Unnamed: 0,City,ZipCode,County,Asian_Population,WtScore,Indian_Restaurants,Asian_Restaurants,Shopping_Places,Residential_Complex,Office_Hotels_Places
87,Roanoke,76262,Denton,1093.0,66.5,0.0,19.0,7.0,11.0,43.0
83,Denton,76201,Denton,2177.0,41.0,4.0,57.0,21.0,28.0,33.0
23,Grand Prairie,75052,Dallas,8610.0,39.5,0.0,10.0,29.0,8.0,10.0
36,Richardson,75082,Collin,5260.0,37.5,2.0,8.0,3.0,9.0,19.0
73,Mansfield,76063,Tarrant,2875.0,36.5,0.0,34.0,26.0,10.0,27.0


In [71]:
def displayIRLoc(zipCode):
    zCode = zipCode
    loc_data=df_dfw_venue_stats[df_dfw_venue_stats['ZipCode'] == zCode]
    loc_lat=loc_data['Latitude'].values[0]
    loc_lon=loc_data['Longitude'].values[0]
    map_dfw_ir_loc = folium.Map(location=[loc_lat, loc_lon], zoom_start=12)

    for lat, lng, local in zip(loc_data['Latitude'], loc_data['Longitude'], loc_data['City']):
        label = '{}'.format(local)
        label = folium.Popup(label, parse_html=True)
        folium.CircleMarker(
            [lat, lng],
            radius=5,
            popup=label,
            color='blue',
            fill=True,
            fill_color='blue',
            fill_opacity=0.7).add_to(map_dfw_ir_loc) 

    displayOnMap(df_Indian_Restaurants[df_Indian_Restaurants['ZipCode'] == zCode], 'red', map_dfw_ir_loc)
    displayOnMap(df_Asian_Restaurants[df_Asian_Restaurants['ZipCode'] == zCode], 'darkgreen', map_dfw_ir_loc)
    displayOnMap(df_shopping_places[df_shopping_places['ZipCode'] == zCode], 'fuchsia', map_dfw_ir_loc)
    displayOnMap(df_residential_complex[df_residential_complex['ZipCode'] == zCode], 'purple', map_dfw_ir_loc)
    displayOnMap(df_office_hotel_places[df_office_hotel_places['ZipCode'] == zCode], 'orange', map_dfw_ir_loc)

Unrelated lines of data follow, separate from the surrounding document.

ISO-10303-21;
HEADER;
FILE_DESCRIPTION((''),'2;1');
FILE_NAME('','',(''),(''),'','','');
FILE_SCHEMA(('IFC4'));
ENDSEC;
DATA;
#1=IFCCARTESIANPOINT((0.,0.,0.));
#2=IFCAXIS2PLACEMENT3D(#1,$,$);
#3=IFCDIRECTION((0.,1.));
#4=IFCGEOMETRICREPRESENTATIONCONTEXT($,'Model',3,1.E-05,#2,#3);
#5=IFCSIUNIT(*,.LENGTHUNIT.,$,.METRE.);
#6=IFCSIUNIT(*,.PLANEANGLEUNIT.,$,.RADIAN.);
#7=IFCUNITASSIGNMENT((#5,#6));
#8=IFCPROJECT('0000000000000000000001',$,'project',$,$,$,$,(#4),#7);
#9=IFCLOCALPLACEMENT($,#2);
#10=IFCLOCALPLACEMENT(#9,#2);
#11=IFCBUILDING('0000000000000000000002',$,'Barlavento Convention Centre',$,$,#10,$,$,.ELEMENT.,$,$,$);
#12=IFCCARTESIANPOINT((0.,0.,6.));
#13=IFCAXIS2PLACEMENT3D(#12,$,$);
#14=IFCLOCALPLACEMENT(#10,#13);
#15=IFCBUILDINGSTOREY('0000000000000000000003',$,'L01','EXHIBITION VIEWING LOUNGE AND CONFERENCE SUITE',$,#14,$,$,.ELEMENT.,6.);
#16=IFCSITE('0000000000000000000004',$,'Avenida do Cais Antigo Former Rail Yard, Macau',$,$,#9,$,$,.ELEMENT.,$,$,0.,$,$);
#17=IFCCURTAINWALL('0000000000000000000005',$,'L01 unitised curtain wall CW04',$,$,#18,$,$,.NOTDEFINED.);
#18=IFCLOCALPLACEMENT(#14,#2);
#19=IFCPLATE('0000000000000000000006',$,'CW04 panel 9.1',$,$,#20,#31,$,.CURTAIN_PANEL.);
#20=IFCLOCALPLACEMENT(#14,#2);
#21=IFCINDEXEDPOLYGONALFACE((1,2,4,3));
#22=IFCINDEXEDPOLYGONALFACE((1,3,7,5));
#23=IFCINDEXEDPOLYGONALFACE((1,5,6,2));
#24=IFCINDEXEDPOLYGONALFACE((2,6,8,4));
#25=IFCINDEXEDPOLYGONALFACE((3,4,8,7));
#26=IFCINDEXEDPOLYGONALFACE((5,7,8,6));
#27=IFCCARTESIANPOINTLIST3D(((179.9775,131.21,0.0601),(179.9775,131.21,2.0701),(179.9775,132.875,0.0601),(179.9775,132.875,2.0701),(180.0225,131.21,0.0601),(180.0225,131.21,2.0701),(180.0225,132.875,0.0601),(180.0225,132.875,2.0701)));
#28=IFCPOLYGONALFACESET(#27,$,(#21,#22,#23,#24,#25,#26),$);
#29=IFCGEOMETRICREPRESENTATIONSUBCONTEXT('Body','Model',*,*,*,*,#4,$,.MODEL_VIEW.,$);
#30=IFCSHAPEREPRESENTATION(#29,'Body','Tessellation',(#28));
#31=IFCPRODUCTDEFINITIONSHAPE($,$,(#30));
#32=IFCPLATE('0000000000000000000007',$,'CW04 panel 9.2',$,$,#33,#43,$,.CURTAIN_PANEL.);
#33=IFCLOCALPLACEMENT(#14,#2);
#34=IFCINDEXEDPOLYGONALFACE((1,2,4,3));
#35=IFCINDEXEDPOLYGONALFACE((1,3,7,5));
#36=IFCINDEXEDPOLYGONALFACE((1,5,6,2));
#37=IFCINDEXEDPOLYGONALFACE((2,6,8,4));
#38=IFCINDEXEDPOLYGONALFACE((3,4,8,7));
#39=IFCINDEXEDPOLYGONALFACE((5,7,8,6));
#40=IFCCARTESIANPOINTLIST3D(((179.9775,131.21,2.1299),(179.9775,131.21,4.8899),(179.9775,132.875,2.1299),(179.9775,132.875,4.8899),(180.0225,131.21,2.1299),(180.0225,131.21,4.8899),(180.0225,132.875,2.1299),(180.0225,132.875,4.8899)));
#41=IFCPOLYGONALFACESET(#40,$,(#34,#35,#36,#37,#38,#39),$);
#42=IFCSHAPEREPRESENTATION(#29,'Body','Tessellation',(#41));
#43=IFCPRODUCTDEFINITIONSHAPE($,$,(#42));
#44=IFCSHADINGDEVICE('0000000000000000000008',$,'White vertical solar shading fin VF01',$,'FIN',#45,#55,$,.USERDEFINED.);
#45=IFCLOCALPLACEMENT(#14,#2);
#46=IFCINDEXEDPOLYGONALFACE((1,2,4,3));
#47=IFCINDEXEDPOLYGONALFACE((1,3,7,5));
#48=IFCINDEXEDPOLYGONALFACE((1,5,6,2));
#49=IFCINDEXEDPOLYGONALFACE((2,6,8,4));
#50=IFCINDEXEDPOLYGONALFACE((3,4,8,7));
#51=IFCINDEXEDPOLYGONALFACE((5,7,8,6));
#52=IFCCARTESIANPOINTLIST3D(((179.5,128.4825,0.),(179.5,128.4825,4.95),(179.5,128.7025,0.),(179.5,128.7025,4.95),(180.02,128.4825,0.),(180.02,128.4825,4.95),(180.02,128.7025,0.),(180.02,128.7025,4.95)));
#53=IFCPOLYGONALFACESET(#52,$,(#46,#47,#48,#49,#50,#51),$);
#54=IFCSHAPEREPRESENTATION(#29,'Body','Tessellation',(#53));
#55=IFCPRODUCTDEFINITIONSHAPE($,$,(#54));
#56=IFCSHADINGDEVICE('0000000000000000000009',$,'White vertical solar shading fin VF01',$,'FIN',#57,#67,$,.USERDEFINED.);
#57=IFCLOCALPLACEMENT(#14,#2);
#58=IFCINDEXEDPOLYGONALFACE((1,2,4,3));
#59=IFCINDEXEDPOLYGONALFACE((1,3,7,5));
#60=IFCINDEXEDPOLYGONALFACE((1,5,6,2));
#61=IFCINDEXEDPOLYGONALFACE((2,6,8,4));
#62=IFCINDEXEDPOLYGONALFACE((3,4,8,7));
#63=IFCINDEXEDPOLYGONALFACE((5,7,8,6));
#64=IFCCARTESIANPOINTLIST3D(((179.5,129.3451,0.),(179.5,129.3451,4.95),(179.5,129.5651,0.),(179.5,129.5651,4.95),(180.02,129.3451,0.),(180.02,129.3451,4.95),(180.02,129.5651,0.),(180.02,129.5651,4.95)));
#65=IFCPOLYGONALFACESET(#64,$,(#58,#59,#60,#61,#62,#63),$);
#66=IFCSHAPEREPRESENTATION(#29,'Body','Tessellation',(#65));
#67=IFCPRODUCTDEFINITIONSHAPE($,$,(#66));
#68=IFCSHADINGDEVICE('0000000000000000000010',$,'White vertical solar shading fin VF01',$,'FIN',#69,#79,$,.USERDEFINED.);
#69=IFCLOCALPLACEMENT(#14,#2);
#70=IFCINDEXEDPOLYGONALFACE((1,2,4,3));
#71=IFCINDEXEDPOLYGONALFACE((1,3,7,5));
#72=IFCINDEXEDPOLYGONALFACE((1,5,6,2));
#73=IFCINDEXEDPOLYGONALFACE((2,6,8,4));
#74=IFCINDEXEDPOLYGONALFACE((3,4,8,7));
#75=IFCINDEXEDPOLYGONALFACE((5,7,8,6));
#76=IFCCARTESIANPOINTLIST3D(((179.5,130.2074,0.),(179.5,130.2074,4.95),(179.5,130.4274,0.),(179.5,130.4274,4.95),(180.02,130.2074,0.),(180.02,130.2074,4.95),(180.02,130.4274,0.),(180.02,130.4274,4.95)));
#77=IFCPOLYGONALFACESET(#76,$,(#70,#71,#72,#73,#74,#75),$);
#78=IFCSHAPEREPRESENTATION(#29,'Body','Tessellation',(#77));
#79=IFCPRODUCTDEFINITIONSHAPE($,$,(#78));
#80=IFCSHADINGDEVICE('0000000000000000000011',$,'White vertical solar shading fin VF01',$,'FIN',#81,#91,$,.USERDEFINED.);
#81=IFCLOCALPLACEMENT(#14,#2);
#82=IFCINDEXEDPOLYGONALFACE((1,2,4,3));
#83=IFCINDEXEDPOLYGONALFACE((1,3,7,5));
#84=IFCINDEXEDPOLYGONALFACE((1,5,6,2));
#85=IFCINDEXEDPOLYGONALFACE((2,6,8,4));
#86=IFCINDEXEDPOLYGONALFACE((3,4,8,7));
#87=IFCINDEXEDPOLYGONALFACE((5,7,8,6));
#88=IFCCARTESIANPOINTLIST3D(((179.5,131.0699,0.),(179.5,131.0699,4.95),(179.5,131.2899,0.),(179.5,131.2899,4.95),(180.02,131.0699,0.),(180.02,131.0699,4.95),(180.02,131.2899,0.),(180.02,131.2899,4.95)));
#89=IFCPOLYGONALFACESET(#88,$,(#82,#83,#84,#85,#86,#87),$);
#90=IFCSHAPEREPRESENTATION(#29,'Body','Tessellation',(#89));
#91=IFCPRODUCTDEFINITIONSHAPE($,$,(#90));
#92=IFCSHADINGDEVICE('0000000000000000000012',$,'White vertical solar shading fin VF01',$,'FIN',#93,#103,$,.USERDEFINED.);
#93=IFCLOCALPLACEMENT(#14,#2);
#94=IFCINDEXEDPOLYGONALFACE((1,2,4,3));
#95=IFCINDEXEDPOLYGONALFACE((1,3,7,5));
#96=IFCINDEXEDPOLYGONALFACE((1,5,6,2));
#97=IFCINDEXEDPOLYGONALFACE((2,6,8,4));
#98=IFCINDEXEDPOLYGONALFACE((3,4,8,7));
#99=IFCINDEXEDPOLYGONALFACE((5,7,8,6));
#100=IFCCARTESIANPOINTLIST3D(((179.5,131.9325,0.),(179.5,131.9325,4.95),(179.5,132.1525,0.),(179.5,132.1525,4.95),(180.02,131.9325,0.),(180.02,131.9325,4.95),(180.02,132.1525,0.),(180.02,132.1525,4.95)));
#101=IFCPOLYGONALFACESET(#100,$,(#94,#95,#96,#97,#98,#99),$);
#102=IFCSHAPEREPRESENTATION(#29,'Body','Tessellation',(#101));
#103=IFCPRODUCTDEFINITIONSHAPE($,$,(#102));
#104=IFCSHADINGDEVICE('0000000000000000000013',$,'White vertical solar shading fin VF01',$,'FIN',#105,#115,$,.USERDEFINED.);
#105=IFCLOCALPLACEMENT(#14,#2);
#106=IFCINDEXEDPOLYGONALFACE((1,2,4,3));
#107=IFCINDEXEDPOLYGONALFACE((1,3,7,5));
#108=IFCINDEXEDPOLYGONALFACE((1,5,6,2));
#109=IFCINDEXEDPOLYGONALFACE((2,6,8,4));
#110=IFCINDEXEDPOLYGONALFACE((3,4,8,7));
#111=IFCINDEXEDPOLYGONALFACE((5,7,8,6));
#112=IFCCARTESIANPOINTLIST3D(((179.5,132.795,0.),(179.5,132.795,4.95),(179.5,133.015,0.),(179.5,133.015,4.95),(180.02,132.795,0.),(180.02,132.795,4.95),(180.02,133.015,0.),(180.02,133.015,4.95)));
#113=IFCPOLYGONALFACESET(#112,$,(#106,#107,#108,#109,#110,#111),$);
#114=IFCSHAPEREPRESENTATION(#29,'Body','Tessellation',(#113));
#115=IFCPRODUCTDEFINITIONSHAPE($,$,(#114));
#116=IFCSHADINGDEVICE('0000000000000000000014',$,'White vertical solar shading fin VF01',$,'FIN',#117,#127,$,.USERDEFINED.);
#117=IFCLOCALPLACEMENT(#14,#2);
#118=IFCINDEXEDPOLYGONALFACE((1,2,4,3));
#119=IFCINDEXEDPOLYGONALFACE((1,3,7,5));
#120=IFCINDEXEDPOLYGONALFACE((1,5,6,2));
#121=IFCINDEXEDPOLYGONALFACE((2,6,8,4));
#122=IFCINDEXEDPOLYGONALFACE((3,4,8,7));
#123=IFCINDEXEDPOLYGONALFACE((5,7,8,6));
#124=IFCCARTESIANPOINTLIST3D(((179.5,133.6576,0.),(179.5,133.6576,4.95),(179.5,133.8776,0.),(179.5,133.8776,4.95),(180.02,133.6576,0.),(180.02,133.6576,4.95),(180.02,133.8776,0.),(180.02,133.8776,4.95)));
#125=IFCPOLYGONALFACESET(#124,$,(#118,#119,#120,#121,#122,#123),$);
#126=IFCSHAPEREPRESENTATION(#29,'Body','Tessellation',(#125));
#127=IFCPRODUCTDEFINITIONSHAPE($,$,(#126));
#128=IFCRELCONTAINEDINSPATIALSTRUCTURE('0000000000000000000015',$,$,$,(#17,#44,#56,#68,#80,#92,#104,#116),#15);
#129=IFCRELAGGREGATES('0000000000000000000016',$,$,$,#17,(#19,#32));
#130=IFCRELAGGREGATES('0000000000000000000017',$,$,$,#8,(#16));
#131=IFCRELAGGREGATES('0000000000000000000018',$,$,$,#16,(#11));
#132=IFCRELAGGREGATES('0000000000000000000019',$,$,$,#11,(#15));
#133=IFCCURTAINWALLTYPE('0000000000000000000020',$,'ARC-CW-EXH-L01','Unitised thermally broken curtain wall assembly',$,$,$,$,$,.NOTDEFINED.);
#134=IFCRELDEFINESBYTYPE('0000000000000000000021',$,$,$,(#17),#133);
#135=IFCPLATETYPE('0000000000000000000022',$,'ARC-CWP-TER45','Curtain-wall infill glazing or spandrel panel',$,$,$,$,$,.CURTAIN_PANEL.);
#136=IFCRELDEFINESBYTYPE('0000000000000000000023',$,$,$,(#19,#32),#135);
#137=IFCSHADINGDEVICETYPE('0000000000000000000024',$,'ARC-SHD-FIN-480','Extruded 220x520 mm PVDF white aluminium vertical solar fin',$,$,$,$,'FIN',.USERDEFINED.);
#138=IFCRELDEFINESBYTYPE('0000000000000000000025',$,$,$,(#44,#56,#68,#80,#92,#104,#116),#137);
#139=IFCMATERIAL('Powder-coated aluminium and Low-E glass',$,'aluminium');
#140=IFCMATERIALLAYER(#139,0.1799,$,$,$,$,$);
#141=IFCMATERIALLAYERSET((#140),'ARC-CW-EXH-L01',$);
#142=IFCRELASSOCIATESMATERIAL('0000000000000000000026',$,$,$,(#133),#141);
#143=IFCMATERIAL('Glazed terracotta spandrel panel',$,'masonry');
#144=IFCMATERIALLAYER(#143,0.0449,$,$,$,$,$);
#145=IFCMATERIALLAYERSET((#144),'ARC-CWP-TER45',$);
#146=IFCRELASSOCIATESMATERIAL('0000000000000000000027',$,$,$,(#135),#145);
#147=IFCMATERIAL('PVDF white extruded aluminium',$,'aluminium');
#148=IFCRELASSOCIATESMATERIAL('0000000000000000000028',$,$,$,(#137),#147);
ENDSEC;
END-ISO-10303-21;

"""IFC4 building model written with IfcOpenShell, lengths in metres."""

from ifc_helpers import new_model, si_unit, direction, frame, origin, origin_2d, place, context, subcontext, project, spatial, rectangle, extrude, material, layer, layer_set, type_object, element, aggregate, save


model = new_model("IFC4")

# Units and contexts
model_context = context("Model", 3, precision=1e-05, world=origin(), true_north=direction((0.0, 1.0)))
body_context = subcontext(model_context, "Body", "Model", "MODEL_VIEW")
ifc_project = project(units=[si_unit("LENGTHUNIT", "METRE"), si_unit("PLANEANGLEUNIT", "RADIAN")], contexts=[model_context])

# Site, building, storey
site_placement = place(None, origin())
site = spatial("IfcSite", under=ifc_project, at=site_placement, Name="Avenida do Cais Antigo Former Rail Yard, Macau", CompositionType="ELEMENT", RefElevation=0.0)
building_placement = place(site_placement, origin())
building = spatial("IfcBuilding", under=site, at=building_placement, Name="Barlavento Convention Centre", CompositionType="ELEMENT")
storey_placement = place(building_placement, frame((0.0, 0.0, 6.0)))
storey = spatial("IfcBuildingStorey", under=building, at=storey_placement, Name="L01", Description="EXHIBITION VIEWING LOUNGE AND CONFERENCE SUITE", CompositionType="ELEMENT", Elevation=6.0)

# Curtain wall, plates
ifc_material_1 = material(Name="Powder-coated aluminium and Low-E glass", Category="aluminium")
ifc_layer_1 = layer(ifc_material_1, 0.1799)
ifc_layer_set_1 = layer_set([ifc_layer_1], Name="ARC-CW-EXH-L01")
curtain_wall_type = type_object("IfcCurtainWallType", Name="ARC-CW-EXH-L01", Description="Unitised thermally broken curtain wall assembly", PredefinedType="NOTDEFINED", material=ifc_layer_set_1)
curtain_wall_placement = place(storey_placement, origin())
curtain_wall = element("IfcCurtainWall", 1, at=curtain_wall_placement, inside=storey, type_object=curtain_wall_type, Name="L01 unitised curtain wall CW04", PredefinedType="NOTDEFINED")
ifc_material_2 = material(Name="Glazed terracotta spandrel panel", Category="masonry")
ifc_layer_2 = layer(ifc_material_2, 0.0449)
ifc_layer_set_2 = layer_set([ifc_layer_2], Name="ARC-CWP-TER45")
plate_type = type_object("IfcPlateType", Name="ARC-CWP-TER45", Description="Curtain-wall infill glazing or spandrel panel", PredefinedType="CURTAIN_PANEL", material=ifc_layer_set_2)
plate_1_placement = place(storey_placement, frame((180.0, 132.0425, 0.0601), z_axis=(0.0, 0.0, 1.0), x_axis=(0.0, 1.0, 0.0)))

    return(map_dfw_ir_loc)

<a id="item13"></a>

### 13. Display Location with highest weight score

In [72]:
#Display Roanoke:76262 with all vanues used for evaluation
displayIRLoc(76262)

In [73]:
#Display Denton:76201 with all vanues used for evaluation
displayIRLoc(76201)

In [74]:
#Display Grand Prairie:75052 with all vanues used for evaluation
displayIRLoc(75052)

In [75]:
df_dfw_ir_weight_score.head(3)

Unnamed: 0,City,ZipCode,County,Asian_Population,WtScore,Indian_Restaurants,Asian_Restaurants,Shopping_Places,Residential_Complex,Office_Hotels_Places
87,Roanoke,76262,Denton,1093.0,66.5,0.0,19.0,7.0,11.0,43.0
83,Denton,76201,Denton,2177.0,41.0,4.0,57.0,21.0,28.0,33.0
23,Grand Prairie,75052,Dallas,8610.0,39.5,0.0,10.0,29.0,8.0,10.0


<a id="item14"></a>

### 14. Conclusion

After reviewing first 3 location, we can consider Roanoke might be the best possible location to start a Indian Restaurant.
For Roanoke:76262
Pros:
    1. No Indian / Indo Chinese Restaurants
    2. Big Office complex (i.e. Charles Shwab, Fedelity, Sabre etc) and shopping places are near by this area
    3. Considerable number of Residential complexes are there in the area
    4. As the Property Taxes are less in this area compare to other places in DFW area and Property prices are high in other 
        places, now Asian community is growing considerably in this area.
    
 Cons:
     1. Asian Community is less compared to other locations.